ONNX provides an optional implementation of shape inference on ONNX graphs. This implementation covers each of the core operators, as well as provides an interface for extensibility. Therefore, you may choose to invoke the existing shape inference functionality on your graphs, or to define shape inference implementations to go along with your custom operators (or both!). Shape inference functions are stored as a member of the OpSchema objects.
Shape inference can be invoked either via C++ or Python. The Python API is described, with example, here.

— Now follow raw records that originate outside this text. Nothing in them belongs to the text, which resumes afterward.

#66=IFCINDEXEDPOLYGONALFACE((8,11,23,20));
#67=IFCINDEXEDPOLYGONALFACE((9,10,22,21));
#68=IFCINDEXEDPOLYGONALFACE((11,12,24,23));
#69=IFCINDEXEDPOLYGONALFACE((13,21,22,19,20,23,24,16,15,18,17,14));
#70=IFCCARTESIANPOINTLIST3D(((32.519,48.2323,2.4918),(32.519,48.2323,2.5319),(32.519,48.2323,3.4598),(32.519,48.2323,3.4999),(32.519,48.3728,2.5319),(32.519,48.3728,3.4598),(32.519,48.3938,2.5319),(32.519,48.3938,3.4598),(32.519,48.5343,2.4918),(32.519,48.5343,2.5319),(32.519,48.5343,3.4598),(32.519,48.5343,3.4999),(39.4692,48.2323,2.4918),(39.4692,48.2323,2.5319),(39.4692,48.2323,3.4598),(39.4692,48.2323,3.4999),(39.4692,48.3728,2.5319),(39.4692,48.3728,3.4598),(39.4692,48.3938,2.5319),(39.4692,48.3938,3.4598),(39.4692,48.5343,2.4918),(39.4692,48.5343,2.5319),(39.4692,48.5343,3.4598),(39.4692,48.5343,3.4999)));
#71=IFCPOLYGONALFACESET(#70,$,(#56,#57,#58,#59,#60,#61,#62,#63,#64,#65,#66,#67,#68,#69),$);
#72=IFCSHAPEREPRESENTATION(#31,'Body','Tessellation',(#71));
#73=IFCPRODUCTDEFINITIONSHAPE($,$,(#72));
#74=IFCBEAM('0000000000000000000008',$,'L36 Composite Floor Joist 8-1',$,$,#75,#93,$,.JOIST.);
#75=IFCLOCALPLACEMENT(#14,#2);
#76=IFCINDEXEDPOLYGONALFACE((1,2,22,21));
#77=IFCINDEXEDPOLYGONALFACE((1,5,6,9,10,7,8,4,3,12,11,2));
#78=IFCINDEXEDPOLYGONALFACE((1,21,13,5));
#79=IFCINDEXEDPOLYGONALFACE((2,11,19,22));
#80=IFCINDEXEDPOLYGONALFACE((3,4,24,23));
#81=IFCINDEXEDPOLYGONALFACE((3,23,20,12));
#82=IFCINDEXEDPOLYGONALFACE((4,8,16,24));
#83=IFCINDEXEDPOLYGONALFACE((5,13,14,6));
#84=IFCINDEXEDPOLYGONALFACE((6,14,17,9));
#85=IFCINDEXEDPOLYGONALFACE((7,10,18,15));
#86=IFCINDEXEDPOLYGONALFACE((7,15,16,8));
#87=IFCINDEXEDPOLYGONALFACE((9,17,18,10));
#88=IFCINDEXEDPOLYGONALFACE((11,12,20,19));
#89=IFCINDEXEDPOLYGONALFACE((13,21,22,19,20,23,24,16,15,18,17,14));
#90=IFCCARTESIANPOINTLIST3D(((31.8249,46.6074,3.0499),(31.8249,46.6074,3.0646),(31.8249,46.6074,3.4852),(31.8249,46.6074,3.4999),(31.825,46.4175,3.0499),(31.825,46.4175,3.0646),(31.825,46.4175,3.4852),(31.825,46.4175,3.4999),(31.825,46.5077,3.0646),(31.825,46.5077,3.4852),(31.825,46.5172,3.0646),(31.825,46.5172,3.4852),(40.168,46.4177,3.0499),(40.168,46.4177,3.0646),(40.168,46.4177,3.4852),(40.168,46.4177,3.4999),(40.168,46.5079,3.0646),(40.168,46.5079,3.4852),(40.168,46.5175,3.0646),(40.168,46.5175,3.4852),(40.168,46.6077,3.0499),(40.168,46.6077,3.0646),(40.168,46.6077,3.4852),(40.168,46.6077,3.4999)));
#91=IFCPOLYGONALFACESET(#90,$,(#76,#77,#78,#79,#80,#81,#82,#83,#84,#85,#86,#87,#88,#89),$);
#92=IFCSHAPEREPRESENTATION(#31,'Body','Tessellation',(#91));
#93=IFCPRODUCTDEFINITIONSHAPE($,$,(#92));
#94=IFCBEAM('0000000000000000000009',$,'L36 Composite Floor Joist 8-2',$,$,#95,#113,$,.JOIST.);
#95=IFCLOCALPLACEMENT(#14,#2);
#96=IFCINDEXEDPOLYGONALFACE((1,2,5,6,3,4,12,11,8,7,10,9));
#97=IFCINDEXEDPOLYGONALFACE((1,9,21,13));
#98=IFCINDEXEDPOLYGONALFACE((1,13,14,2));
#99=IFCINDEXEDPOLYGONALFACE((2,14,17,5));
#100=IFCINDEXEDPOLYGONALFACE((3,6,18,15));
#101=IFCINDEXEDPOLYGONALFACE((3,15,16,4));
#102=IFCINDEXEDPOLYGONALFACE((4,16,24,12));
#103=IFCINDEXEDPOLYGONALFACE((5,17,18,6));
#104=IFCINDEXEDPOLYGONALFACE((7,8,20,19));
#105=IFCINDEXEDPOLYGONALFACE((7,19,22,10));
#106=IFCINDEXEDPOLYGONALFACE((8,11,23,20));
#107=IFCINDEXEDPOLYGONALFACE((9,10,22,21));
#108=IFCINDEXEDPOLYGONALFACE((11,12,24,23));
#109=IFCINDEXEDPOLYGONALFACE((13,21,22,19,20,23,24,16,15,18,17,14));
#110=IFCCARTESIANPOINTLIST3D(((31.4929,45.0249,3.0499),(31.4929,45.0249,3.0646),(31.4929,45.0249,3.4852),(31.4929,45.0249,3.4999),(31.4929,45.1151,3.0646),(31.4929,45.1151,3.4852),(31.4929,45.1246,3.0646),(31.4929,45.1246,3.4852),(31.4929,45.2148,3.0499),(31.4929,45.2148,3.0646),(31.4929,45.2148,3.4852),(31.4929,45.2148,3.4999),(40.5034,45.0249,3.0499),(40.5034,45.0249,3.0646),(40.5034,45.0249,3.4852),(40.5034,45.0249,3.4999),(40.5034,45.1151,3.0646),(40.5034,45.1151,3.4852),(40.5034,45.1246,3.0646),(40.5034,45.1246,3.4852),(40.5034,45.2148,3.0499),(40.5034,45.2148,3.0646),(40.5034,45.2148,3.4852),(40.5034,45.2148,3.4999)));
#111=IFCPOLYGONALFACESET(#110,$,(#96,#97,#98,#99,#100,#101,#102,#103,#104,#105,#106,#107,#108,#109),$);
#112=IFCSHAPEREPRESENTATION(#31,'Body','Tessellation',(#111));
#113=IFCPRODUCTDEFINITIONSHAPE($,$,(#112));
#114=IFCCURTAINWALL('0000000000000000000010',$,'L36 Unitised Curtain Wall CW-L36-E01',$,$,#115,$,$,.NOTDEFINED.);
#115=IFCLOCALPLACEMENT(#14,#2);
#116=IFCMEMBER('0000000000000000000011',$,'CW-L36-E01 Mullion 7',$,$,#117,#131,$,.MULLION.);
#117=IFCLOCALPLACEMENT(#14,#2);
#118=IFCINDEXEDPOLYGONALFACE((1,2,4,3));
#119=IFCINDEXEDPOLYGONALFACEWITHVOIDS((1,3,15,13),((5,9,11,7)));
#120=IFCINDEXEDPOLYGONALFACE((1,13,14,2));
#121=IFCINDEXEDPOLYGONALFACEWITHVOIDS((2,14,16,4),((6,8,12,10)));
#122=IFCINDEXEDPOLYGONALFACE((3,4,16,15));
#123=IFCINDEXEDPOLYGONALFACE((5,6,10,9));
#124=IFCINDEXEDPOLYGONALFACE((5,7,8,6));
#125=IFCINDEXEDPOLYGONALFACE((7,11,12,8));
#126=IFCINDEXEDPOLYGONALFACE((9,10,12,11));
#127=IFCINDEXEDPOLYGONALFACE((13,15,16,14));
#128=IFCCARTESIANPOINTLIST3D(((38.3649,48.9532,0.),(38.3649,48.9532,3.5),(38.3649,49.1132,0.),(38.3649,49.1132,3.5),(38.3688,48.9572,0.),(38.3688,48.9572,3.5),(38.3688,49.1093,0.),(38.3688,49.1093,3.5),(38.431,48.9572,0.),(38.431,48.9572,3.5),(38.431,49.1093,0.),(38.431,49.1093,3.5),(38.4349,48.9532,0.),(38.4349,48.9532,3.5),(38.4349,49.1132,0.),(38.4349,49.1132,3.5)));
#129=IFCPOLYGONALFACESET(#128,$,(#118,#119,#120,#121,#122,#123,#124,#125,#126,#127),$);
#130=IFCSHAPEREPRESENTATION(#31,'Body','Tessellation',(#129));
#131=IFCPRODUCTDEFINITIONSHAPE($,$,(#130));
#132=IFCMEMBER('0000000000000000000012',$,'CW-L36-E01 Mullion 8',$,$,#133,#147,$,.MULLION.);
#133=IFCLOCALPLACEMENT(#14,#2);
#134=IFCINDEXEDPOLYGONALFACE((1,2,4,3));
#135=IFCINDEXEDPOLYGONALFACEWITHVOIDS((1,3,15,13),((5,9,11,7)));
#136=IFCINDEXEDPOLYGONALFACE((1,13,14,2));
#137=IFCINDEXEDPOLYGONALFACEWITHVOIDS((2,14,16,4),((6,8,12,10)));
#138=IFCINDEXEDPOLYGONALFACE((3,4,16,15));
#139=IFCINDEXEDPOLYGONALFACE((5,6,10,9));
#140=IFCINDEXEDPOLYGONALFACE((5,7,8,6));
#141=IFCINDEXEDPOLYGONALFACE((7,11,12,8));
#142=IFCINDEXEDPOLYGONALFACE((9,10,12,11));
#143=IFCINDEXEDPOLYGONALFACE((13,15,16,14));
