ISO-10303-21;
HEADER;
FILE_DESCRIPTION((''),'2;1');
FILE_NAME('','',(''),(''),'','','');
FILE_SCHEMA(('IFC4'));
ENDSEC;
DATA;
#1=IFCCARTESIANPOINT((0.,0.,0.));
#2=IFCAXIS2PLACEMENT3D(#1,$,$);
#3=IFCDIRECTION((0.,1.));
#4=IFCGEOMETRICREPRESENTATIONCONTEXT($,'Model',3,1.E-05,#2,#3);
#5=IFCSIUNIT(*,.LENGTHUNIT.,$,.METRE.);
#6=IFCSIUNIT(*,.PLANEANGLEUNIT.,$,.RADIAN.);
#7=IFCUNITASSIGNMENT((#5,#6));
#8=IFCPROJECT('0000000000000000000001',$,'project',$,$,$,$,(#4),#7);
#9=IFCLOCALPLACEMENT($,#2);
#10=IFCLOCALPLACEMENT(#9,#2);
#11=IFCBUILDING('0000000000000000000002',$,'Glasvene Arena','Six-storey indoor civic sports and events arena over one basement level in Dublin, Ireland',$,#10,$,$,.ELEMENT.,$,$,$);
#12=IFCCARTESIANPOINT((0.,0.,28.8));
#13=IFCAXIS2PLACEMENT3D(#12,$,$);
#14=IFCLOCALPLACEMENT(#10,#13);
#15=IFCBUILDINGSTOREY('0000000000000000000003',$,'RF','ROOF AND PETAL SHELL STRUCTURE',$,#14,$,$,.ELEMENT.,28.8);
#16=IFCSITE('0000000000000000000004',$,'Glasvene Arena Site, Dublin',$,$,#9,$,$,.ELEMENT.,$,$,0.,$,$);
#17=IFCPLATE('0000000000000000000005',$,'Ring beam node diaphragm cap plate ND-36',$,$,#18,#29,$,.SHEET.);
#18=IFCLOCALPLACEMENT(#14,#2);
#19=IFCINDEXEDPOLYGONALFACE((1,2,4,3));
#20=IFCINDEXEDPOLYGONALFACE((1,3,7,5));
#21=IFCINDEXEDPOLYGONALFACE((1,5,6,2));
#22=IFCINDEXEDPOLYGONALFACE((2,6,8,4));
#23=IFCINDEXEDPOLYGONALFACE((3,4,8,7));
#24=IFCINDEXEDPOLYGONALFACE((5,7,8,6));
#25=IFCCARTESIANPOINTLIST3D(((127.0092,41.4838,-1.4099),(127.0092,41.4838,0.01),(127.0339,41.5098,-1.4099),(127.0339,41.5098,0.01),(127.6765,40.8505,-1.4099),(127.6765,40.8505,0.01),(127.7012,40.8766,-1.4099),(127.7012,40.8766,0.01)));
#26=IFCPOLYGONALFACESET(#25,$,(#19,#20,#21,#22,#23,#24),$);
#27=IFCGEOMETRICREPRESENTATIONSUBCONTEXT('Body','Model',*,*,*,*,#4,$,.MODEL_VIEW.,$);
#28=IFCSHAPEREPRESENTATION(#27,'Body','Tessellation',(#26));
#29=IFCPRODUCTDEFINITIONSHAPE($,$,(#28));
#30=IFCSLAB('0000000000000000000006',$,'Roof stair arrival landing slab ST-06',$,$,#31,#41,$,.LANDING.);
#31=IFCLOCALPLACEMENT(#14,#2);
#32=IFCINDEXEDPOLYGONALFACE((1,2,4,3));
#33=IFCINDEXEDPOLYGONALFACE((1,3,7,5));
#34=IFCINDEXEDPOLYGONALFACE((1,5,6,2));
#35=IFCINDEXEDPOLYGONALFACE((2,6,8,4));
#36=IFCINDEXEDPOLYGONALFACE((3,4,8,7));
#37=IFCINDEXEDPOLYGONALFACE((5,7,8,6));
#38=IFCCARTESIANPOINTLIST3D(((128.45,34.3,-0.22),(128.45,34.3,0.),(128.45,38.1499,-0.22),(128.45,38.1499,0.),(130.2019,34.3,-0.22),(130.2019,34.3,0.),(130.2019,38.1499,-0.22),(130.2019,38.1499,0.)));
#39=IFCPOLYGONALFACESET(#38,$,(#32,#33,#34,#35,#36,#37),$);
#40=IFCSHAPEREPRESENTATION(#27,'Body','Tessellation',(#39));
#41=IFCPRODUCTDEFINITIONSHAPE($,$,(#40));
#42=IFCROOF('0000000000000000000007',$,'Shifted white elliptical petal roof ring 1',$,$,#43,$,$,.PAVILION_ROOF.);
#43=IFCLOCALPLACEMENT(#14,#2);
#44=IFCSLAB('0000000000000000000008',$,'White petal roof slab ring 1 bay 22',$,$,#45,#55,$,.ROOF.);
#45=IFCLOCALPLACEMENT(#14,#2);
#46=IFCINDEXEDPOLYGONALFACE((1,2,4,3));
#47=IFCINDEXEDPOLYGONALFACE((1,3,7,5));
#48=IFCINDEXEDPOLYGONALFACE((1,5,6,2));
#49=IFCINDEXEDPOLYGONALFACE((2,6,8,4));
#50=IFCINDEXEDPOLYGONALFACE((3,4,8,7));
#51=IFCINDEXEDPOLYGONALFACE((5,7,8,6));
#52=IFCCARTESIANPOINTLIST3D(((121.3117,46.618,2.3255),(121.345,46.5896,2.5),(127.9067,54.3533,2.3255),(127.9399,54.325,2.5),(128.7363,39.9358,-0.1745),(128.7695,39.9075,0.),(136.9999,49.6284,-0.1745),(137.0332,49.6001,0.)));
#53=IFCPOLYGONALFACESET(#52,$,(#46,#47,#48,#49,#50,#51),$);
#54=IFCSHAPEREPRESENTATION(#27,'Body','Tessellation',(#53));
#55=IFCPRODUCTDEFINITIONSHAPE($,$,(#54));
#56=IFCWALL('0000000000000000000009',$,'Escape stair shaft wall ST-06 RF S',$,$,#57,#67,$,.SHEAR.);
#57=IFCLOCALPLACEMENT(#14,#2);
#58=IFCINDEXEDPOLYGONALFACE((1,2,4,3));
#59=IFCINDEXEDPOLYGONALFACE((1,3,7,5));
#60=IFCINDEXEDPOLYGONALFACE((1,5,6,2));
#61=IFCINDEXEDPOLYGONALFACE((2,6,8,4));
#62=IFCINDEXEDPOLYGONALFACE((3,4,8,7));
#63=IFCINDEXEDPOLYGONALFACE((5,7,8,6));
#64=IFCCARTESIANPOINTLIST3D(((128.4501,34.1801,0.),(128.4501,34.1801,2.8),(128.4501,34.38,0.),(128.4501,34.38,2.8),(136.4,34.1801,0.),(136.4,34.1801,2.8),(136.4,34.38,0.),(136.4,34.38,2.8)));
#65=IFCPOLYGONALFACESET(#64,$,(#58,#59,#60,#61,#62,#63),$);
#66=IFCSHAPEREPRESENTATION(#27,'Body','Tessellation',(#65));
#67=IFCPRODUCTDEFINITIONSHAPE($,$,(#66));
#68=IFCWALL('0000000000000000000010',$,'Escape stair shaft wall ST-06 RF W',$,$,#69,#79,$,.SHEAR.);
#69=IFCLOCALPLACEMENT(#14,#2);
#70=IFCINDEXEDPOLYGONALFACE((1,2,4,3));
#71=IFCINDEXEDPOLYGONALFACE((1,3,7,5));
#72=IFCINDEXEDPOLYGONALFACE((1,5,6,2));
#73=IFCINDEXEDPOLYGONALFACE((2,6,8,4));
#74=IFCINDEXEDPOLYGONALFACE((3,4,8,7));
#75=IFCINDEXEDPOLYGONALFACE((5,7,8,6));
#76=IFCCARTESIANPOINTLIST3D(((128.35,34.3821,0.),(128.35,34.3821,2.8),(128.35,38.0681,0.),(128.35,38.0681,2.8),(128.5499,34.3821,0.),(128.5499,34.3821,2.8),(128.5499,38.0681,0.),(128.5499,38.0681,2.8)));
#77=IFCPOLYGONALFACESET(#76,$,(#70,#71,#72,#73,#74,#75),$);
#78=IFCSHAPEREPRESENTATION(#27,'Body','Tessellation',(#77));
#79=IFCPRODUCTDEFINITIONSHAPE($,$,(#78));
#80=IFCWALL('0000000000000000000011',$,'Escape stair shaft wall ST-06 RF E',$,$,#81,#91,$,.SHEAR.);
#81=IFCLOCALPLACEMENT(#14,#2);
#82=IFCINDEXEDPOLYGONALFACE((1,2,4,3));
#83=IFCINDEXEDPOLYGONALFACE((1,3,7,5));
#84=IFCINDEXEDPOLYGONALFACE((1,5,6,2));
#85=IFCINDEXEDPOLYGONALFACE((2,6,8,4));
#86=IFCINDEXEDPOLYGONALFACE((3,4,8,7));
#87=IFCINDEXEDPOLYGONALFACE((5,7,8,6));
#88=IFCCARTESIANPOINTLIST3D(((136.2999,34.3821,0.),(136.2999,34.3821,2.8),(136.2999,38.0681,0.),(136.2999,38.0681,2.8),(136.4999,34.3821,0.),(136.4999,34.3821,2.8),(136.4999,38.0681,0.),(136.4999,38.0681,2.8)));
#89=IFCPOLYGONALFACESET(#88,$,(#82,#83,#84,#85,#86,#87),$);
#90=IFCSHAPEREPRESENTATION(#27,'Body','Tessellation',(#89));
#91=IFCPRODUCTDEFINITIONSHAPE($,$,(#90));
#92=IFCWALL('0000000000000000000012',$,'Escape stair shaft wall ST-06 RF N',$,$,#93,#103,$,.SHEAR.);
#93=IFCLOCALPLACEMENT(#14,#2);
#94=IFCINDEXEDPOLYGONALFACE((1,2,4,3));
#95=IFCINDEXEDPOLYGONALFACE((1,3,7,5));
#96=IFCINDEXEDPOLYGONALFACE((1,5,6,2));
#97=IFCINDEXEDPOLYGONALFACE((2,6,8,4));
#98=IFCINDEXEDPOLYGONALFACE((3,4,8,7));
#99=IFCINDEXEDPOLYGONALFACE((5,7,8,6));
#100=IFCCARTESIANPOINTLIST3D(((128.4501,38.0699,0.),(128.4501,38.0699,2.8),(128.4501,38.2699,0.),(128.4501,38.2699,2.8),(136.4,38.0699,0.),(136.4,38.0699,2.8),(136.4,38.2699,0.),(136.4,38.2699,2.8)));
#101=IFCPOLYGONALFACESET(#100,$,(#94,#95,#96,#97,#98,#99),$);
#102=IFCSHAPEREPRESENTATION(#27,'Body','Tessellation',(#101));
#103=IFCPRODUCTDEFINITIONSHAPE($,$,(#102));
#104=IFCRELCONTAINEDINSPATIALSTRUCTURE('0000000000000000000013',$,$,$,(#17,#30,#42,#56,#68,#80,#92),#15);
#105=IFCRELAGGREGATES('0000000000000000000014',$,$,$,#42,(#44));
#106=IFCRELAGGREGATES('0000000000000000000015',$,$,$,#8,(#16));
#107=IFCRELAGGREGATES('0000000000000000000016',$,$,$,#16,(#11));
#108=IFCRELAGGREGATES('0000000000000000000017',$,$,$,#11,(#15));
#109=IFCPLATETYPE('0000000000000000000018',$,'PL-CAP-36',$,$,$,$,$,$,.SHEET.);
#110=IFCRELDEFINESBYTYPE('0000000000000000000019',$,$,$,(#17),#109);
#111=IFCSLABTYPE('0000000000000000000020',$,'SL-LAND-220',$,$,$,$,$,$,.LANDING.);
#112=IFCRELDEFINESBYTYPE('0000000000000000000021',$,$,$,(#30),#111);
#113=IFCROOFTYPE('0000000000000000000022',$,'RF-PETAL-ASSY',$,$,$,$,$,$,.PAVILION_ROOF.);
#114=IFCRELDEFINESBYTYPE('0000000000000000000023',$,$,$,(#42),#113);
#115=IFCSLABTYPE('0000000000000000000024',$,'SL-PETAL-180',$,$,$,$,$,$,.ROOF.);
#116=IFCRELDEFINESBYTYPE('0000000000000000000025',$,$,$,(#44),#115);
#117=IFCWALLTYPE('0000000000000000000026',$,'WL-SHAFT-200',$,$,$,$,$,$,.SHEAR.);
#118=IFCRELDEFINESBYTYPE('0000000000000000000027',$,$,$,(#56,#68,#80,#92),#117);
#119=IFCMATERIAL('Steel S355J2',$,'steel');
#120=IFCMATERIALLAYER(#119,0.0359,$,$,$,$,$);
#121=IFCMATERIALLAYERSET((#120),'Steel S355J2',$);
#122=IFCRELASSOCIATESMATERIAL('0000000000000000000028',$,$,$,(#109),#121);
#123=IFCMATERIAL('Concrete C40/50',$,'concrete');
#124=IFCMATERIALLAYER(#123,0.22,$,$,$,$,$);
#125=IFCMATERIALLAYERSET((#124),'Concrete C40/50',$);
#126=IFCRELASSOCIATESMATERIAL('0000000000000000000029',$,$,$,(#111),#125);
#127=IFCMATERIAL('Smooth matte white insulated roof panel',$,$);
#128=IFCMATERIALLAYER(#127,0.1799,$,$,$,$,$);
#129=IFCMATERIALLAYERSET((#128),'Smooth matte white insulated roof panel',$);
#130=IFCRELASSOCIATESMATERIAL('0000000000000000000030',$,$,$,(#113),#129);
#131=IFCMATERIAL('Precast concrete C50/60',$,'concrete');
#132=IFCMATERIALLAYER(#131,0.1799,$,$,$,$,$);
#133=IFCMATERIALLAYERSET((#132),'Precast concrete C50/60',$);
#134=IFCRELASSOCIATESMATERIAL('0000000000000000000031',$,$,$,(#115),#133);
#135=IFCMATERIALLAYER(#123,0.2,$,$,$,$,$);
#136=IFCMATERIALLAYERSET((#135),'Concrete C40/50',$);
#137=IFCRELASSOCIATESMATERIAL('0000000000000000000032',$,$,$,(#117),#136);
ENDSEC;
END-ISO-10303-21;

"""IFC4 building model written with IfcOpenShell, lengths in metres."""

from ifc_helpers import new_model, si_unit, direction, frame, frame_2d, origin, origin_2d, place, context, subcontext, project, spatial, polyline, rectangle, outline, extrude, material, layer, layer_set, type_object, element, aggregate, save


model = new_model("IFC4")

# Units and contexts
model_context = context("Model", 3, precision=1e-05, world=origin(), true_north=direction((0.0, 1.0)))
body_context = subcontext(model_context, "Body", "Model", "MODEL_VIEW")
ifc_project = project(units=[si_unit("LENGTHUNIT", "METRE"), si_unit("PLANEANGLEUNIT", "RADIAN")], contexts=[model_context])

# Site, building, storey
site_placement = place(None, origin())
site = spatial("IfcSite", under=ifc_project, at=site_placement, Name="Glasvene Arena Site, Dublin", CompositionType="ELEMENT", RefElevation=0.0)
building_placement = place(site_placement, origin())
building = spatial("IfcBuilding", under=site, at=building_placement, Name="Glasvene Arena", Description="Six-storey indoor civic sports and events arena over one basement level in Dublin, Ireland", CompositionType="ELEMENT")
storey_placement = place(building_placement, frame((0.0, 0.0, 28.8)))
storey = spatial("IfcBuildingStorey", under=building, at=storey_placement, Name="RF", Description="ROOF AND PETAL SHELL STRUCTURE", CompositionType="ELEMENT", Elevation=28.8)

# Shared definitions
ifc_material_1 = material(Name="Steel S355J2", Category="steel")

# Plate
ifc_layer_1 = layer(ifc_material_1, 0.0359)
ifc_layer_set_1 = layer_set([ifc_layer_1], Name="Steel S355J2")
plate_type_1 = type_object("IfcPlateType", Name="PL-CAP-36", PredefinedType="SHEET", material=ifc_layer_set_1)
plate_1_placement = place(storey_placement, frame((127.3552, 41.1802, -1.4099), z_axis=(0.0, 0.0, 1.0), x_axis=(0.688355, 0.725374, 0.0)))
element("IfcPlate", 1, at=plate_1_placement, inside=storey, type_object=plate_type_1, Name="Ring beam node diaphragm cap plate ND-36", PredefinedType="SHEET", context=body_context, shape_type="SweptSolid", body=[
    extrude(rectangle(XDim=0.0359, YDim=0.9199, at=origin_2d()), origin(), (0.0, 0.0, 1.0), 1.4199),
])

# Slab
ifc_material_2 = material(Name="Concrete C40/50", Category="concrete")
ifc_layer_2 = layer(ifc_material_2, 0.22)
ifc_layer_set_2 = layer_set([ifc_layer_2], Name="Concrete C40/50")
slab_type_1 = type_object("IfcSlabType", Name="SL-LAND-220", PredefinedType="LANDING", material=ifc_layer_set_2)
slab_1_placement = place(storey_placement, frame((129.3259, 36.2251, -0.22)))
element("IfcSlab", 2, at=slab_1_placement, inside=storey, type_object=slab_type_1, Name="Roof stair arrival landing slab ST-06", PredefinedType="LANDING", context=body_context, shape_type="SweptSolid", body=[
    extrude(outline(polyline([(-0.876, -1.925), (0.876, -1.925), (0.876, 1.9248), (-0.876, 1.9248), (-0.876, -1.925)])), origin(), (0.0, 0.0, 1.0), 0.22),
])

# Roof, slab
ifc_material_3 = material(Name="Smooth matte white insulated roof panel")
ifc_layer_3 = layer(ifc_material_3, 0.1799)
ifc_layer_set_3 = layer_set([ifc_layer_3], Name="Smooth matte white insulated roof panel")
roof_type = type_object("IfcRoofType", Name="RF-PETAL-ASSY", PredefinedType="PAVILION_ROOF", material=ifc_layer_set_3)
roof_placement = place(storey_placement, frame((92.0, 73.0, 0.0)))
roof = element("IfcRoof", 3, at=roof_placement, inside=storey, type_object=roof_type, Name="Shifted white elliptical petal roof ring 1", PredefinedType="PAVILION_ROOF")
ifc_material_4 = material(Name="Precast concrete C50/60", Category="concrete")
ifc_layer_4 = layer(ifc_material_4, 0.1799)
ifc_layer_set_4 = layer_set([ifc_layer_4], Name="Precast concrete C50/60")
slab_type_2 = type_object("IfcSlabType", Name="SL-PETAL-180", PredefinedType="ROOF", material=ifc_layer_set_4)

The C++ API consists of a single function
shape_inference::InferShapes(
ModelProto& m,
const ISchemaRegistry* schema_registry);
The first argument is a ModelProto to perform shape inference on,
which is annotated in-place with shape information. The second
argument is optional.
You can add a shape inference function to your operator's Schema with
OpSchema& Opschema::TypeAndShapeInferenceFunction(InferenceFunction inferenceFunction);
InferenceFunction is defined in
shape_inference.h, along with the core
interface struct InferenceContext and an assortment of helper
methods. InferenceContext is the core struct which is provided to
your inference function. It allows accessing information about the
operator's inputs, and also allows writing out inferred information.
To see numerous examples, search for occurences of
TypeAndShapeInferenceFunction in the codebase. One that is
relatively involved is the implementation for Concat, in
onnx/defs/tensor/defs.cc.
Shape inference is not guaranteed to be complete. In particular, some dynamic behaviors block the flow of shape inference, for example a Reshape to a dynamically-provide shape. Also, all operators are not required to have a shape inference implementation.
Shape inference works only with constants and simple variables. It
does not support arithmetic expressions containing variables. For
example, Concat on tensors of shapes (5, 2) and (7, 2) can be
inferred to produce a result of shape (12, 2), but Concat on
tensors of shapes (5, 2) and (N, 2) will simply produce (M, 2),
rather than containing a representation of N+5. Note that differing
unknown symbolic values will be propagated, so the M here represents
an unknown quantity that is the same as other occurences of M.
These limitations are a property of the current implementation, not fundamental constraints - if you are in need of something more advanced, do let us know!